Cirsium lecontei, often called the Le Conte's thistle, is a North American plant species native to the southeastern United States. It is a perennial, or sometimes biennial, species of the tribe Cardueae within the family Asteraceae. It grows along the coastal plain from Louisiana to North Carolina.

The flowering season is mainly spring to summer.

==Description==
Cirsium lecontei grows to about 35–110 cm and has a taproot, sometimes with root sprouts. The plant is spiny and should be handled with care. The flowers are usually pink. The plant requires full sun. Le Conte's Thistle has a Wetland Indicator Status of FACW (facultative wetland, meaning that it usually occurs in wetlands but not always). The stems are loosely arachnoid and stiffly ascending. Leaves have blades that are linear to oblong or narrowly elliptic, loosely arachnoid when young, abaxial and adaxial faces glabrous (smooth), and lobes undivided or coarsely few toothed.
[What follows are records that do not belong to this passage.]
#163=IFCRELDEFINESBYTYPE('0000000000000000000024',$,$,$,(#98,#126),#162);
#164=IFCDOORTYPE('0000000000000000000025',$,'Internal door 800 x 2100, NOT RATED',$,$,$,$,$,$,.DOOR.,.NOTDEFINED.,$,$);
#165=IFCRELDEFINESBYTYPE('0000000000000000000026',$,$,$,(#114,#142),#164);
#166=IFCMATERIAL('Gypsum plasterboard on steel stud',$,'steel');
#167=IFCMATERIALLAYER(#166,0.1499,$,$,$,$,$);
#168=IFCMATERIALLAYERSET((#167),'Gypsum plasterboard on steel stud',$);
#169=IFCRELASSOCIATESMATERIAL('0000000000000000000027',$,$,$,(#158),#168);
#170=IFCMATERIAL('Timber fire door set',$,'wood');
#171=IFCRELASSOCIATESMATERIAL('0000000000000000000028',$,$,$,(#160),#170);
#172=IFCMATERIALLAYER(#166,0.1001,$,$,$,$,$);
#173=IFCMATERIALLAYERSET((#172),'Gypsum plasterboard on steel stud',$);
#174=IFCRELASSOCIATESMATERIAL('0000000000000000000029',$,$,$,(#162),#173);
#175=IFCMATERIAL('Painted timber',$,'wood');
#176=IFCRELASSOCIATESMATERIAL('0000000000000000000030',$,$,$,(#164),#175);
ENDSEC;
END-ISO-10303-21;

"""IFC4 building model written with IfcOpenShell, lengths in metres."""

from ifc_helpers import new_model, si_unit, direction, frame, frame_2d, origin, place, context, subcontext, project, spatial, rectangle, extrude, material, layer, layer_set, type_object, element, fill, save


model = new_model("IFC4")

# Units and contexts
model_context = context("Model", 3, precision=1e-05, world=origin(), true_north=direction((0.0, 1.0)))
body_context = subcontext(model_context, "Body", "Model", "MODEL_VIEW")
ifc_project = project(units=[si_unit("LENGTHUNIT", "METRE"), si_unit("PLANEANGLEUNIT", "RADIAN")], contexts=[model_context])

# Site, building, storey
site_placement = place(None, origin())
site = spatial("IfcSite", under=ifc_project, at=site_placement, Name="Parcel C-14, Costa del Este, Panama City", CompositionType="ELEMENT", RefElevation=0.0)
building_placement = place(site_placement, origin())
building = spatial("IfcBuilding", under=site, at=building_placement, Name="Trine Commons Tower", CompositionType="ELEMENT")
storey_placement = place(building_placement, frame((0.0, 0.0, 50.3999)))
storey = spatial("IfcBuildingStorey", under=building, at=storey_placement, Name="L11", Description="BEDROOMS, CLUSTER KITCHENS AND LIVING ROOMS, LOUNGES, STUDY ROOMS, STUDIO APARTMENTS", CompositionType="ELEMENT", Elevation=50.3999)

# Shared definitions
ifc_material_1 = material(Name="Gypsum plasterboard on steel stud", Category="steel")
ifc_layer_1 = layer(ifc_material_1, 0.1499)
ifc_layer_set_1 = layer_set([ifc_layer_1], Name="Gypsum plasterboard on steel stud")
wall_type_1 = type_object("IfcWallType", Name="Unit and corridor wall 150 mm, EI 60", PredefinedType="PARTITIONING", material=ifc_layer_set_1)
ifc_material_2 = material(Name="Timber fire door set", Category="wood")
Basal leaves sometimes absent at flowering, petiolate. Heads born singly or 2–5 or 10 in open, corymbiform arrays. Penduncles are 5–30 cm elevated above stem leaves. Cypselae are light brown, 5–5.75 mm long. Plants are often unbranched or sparingly branched, with single terminal flower heads that are above the foliage (plant leaves). Stem and lower leaf surfaces have cob webby hairs. With age, the plant starts losing the hairs and becoming glabrous (hairless, smooth). Leaves of the mid-stem are approximately 15 cm long, the leaves gradually reduce in size up the stem, and are pinnately lobed. Corollas have feather-like pappus bristles (modified sepals) that are pinkish/purple.

==Distribution==
Cirsium lecontei occurs on the sandy pinelands of southern coastal plain in damp soil (where co-occurring species include Myrica, Cyrilla, and Ilex), specifically in the states of Alabama, Florida, Georgia, Louisiana, Mississippi, North Carolina and South Carolina. They are also found in moist to wet grassy pine savannahs and pine barrens, bogs (other species present include pitcher plants, Ilex, sedges, grasses, and sphagnum), and roadside ditches.

==Threats==
Cirsium lecontei occurs mostly in North Carolina but even there it appears to be rare. Its presence is also rare from South Carolina south to Florida and west to Louisiana. Thus, populations tend to be very small and can be as small as one individual. The probable cause decreasing presence of these species are conversion of habitat to pine plantation which may include site prep activities (such as bedding and herbicides), inappropriate fire timing, and commercial and residential development.

==Species origin==
R.J. Moore and C. Frankton (1969) suggested that the species may have originated as a product of ancient hybridization between the ancestors of C. horridulum and C. nuttallii. They also suggested a relationship between C. lecontei and C. grahamii of Arizona and hypothesized an ancient dispersal from the southeastern coastal plain to western cordillera.